00:24Where is it trading? What date? To me, that seems to be a big mystery. Do you have that information?
00:29I got all of it. No, the oil market is trading two different views of the future,
00:37two scenarios. One scenario is China is still weak. They did all that stimulus. None of that's
00:43going to work to help the economy. It did help the equity market, but that's done too.
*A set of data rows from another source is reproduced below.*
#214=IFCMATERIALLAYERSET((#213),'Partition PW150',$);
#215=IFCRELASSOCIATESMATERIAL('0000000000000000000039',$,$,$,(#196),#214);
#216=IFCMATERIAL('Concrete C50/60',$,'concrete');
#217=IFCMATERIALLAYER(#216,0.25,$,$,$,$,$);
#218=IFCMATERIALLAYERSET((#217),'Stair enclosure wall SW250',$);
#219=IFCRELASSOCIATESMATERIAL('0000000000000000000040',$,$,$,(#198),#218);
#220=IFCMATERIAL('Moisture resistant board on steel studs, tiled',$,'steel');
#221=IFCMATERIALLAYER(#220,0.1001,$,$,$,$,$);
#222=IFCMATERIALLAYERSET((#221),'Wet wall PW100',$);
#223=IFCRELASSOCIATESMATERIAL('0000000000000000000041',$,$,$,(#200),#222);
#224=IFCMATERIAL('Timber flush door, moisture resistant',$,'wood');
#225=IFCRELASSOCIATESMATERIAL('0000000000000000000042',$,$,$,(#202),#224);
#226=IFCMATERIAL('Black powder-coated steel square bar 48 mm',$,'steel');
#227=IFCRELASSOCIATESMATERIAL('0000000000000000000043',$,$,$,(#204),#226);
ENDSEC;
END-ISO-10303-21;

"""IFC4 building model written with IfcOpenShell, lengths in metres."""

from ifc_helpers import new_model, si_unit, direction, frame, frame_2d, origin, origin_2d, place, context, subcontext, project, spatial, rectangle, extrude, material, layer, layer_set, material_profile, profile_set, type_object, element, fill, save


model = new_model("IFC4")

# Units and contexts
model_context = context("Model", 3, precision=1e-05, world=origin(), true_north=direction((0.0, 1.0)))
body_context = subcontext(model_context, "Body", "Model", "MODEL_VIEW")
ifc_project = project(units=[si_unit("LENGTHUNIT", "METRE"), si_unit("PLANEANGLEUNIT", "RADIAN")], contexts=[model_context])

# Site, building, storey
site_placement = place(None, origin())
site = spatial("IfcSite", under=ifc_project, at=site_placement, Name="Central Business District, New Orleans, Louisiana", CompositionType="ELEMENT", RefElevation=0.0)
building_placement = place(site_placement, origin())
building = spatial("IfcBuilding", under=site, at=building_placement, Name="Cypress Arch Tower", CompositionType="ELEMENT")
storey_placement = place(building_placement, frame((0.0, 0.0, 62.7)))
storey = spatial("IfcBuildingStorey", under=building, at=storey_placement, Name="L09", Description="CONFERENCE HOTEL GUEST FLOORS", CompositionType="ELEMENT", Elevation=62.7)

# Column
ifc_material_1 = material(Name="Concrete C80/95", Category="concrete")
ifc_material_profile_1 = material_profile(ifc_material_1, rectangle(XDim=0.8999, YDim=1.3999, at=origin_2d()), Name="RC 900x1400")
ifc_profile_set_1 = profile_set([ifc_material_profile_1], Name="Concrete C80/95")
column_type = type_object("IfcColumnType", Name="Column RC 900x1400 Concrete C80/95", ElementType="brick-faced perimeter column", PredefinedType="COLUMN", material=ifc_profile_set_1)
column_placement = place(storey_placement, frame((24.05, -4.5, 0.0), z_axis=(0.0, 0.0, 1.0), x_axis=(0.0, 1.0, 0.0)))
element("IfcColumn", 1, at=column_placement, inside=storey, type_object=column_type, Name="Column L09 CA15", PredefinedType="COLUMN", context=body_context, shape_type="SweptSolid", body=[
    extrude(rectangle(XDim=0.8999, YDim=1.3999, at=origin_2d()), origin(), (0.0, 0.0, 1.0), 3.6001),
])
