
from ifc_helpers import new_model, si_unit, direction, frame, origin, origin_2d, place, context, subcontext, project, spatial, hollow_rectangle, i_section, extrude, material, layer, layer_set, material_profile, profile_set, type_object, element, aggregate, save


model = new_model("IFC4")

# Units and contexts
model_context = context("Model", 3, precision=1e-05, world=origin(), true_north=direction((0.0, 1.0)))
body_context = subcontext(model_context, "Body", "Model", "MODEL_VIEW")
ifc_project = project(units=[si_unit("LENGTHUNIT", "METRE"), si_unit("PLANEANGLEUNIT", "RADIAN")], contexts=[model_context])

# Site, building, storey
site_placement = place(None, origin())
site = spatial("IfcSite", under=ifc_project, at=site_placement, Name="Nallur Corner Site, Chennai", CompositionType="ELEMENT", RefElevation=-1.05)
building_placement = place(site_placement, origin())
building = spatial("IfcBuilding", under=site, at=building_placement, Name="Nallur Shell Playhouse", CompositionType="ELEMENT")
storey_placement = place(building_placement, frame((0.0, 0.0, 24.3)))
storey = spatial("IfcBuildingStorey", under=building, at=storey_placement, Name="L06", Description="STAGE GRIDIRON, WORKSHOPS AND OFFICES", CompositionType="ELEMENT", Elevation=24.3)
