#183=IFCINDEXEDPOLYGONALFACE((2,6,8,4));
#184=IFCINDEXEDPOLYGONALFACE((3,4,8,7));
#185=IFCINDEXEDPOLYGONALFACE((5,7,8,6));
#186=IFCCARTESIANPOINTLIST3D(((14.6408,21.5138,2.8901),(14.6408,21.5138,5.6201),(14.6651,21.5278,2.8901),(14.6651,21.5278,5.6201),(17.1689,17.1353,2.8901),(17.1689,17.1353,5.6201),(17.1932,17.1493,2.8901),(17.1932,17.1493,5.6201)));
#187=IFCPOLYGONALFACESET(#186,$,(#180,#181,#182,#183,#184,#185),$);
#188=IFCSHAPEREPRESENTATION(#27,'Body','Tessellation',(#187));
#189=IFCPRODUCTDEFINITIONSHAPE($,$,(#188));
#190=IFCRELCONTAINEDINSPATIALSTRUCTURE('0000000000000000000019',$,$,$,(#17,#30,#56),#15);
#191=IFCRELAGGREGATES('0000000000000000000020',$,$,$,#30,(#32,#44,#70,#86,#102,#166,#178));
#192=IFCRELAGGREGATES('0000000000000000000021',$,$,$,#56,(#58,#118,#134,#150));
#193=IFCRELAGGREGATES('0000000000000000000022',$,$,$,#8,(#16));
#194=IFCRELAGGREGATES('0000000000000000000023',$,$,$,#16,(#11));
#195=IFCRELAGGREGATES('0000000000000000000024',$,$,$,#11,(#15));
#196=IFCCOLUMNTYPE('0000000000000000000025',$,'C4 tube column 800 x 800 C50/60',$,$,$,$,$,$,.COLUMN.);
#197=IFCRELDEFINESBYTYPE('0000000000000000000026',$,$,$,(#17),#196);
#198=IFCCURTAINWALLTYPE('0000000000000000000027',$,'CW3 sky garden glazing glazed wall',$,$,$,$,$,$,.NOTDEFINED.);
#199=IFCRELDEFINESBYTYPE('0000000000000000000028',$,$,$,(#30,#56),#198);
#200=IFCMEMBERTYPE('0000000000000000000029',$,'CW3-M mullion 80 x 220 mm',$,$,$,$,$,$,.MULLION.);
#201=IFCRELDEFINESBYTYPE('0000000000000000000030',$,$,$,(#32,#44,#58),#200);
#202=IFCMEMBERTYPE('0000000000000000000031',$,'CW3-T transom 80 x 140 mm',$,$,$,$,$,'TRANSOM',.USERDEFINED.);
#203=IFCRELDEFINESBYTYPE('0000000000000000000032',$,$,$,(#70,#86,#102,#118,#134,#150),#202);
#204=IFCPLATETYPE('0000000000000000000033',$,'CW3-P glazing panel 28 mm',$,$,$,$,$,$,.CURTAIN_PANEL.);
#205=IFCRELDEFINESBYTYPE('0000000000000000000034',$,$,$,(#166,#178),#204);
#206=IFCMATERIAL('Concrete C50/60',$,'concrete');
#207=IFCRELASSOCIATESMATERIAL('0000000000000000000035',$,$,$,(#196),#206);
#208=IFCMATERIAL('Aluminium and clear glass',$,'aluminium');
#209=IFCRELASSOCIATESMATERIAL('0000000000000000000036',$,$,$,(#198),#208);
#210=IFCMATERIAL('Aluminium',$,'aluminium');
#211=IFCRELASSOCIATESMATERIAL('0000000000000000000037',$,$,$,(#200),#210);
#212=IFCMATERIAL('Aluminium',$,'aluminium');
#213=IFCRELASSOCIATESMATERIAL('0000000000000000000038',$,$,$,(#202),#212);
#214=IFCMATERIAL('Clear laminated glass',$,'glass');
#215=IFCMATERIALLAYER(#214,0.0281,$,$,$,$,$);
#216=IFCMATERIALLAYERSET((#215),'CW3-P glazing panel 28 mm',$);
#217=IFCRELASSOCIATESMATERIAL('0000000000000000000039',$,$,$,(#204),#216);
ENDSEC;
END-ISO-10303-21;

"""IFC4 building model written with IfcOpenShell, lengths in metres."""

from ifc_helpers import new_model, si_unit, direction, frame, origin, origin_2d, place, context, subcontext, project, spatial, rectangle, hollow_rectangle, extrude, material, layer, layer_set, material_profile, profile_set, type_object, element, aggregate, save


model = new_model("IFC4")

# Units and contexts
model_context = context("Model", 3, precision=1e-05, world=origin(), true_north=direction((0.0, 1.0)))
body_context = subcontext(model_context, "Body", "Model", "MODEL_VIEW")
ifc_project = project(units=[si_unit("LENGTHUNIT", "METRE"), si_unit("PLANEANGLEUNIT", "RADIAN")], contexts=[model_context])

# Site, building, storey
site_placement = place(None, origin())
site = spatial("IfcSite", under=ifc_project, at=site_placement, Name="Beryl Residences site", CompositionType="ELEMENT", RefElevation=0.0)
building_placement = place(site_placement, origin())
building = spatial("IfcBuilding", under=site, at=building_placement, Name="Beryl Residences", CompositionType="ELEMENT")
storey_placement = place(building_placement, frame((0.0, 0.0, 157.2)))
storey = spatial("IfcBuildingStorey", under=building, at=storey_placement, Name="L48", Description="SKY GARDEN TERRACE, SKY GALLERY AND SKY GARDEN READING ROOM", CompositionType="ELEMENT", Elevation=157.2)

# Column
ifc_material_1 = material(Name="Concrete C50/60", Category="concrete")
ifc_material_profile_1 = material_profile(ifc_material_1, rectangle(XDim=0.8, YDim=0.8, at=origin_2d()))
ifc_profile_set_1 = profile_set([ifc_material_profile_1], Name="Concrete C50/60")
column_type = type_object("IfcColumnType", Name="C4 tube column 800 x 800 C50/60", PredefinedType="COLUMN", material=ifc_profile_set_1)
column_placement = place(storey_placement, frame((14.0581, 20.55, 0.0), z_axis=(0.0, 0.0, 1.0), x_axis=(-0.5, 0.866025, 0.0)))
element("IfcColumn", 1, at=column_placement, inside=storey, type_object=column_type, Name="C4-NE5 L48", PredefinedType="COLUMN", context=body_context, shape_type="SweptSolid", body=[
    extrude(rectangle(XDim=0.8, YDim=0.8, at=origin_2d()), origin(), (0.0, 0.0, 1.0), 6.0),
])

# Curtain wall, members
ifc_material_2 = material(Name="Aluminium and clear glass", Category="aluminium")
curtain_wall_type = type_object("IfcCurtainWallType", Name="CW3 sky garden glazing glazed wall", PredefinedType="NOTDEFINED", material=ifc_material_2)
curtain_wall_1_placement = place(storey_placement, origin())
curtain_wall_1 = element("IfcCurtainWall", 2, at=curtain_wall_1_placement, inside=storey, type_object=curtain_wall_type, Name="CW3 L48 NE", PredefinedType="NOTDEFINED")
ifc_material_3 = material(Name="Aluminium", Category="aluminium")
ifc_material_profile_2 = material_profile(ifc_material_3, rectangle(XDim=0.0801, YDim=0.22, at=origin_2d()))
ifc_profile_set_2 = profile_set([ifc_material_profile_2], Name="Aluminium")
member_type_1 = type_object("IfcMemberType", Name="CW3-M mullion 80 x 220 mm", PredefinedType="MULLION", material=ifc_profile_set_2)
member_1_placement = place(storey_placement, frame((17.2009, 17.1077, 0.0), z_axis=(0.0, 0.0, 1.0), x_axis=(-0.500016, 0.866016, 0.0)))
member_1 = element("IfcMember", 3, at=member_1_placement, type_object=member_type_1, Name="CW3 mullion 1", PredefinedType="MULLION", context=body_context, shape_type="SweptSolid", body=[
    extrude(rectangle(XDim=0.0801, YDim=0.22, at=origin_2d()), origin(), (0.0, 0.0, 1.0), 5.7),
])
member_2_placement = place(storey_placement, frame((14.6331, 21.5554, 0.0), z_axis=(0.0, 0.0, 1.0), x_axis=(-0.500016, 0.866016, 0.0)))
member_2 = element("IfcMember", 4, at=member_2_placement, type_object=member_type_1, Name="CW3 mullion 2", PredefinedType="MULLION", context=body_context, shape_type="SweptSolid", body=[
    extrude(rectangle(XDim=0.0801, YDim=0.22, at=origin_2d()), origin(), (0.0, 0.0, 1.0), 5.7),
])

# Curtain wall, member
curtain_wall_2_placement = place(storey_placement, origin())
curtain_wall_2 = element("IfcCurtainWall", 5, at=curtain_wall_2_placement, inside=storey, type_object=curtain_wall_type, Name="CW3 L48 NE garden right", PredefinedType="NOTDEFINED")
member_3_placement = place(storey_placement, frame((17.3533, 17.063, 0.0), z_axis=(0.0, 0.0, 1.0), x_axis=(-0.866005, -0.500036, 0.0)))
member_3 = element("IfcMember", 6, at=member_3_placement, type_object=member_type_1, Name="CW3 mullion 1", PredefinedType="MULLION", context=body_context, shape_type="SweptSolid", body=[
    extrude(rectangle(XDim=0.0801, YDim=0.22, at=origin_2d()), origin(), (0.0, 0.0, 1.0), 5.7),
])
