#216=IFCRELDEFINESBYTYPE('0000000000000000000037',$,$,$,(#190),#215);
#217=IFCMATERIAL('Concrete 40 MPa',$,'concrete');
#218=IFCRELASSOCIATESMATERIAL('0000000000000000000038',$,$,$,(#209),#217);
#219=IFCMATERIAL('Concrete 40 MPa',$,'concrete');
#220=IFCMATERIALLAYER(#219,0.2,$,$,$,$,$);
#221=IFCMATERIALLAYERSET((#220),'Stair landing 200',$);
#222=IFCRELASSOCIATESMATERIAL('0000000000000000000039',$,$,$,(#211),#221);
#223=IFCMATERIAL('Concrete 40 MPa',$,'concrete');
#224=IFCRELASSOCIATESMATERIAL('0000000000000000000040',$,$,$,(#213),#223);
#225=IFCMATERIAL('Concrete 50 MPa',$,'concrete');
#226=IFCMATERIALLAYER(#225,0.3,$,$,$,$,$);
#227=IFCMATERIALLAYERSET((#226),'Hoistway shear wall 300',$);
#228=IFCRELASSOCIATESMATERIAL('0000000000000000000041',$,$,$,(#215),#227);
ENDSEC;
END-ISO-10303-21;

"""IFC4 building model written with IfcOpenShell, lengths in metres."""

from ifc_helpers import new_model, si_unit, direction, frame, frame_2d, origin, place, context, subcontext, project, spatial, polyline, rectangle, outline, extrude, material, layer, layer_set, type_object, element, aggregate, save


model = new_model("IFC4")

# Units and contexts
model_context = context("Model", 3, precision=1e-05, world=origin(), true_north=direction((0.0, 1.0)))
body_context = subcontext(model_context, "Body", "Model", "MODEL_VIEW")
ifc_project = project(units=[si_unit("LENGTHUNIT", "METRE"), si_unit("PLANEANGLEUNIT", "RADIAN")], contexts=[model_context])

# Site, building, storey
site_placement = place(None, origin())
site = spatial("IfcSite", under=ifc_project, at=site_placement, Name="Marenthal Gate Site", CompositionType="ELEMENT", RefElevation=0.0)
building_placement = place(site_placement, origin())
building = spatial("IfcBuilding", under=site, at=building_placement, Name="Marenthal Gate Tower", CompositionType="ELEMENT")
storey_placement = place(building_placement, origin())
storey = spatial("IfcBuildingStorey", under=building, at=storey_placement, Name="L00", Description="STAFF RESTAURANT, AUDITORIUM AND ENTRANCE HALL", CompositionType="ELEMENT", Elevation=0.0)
00:50So one scenario is the oil price drifts down because demand is weak and supply is coming back
00:56on. And the other scenario is the Middle East conflict expands rather dramatically,
01:03and oil supplies are hit. And now we're talking $100 plus oil. If you look at the options market
01:10on WTI options, you will see that there's quite a bit of open interest above $100. There's a bunch
01:18at $120, $125, and there's even a little spike way out there at $150. You only have those
01:26forecasts. Those really aren't forecasts. Let me start over. You only are worried about that if
01:30there's an expansion of the Middle East, of the conflict. And, you know, it's a low probability
01:39event, but it's been rising. So to get to your question about the volatility, the market is
01:45trading the probability weighted average of these two scenarios. And if you wake up one morning and
01:52you think Middle East is escalating, you know, oil goes up 3% or 4%. And if you wake up the next
01:58day and say, wow, nobody bombed anybody, it's down 2% or 3%. So, you know, you've got a lot of
02:05volatility day to day, but you're still in the range. You really haven't broken out because
02:11these two oil demand weakness versus Middle East are fighting each other.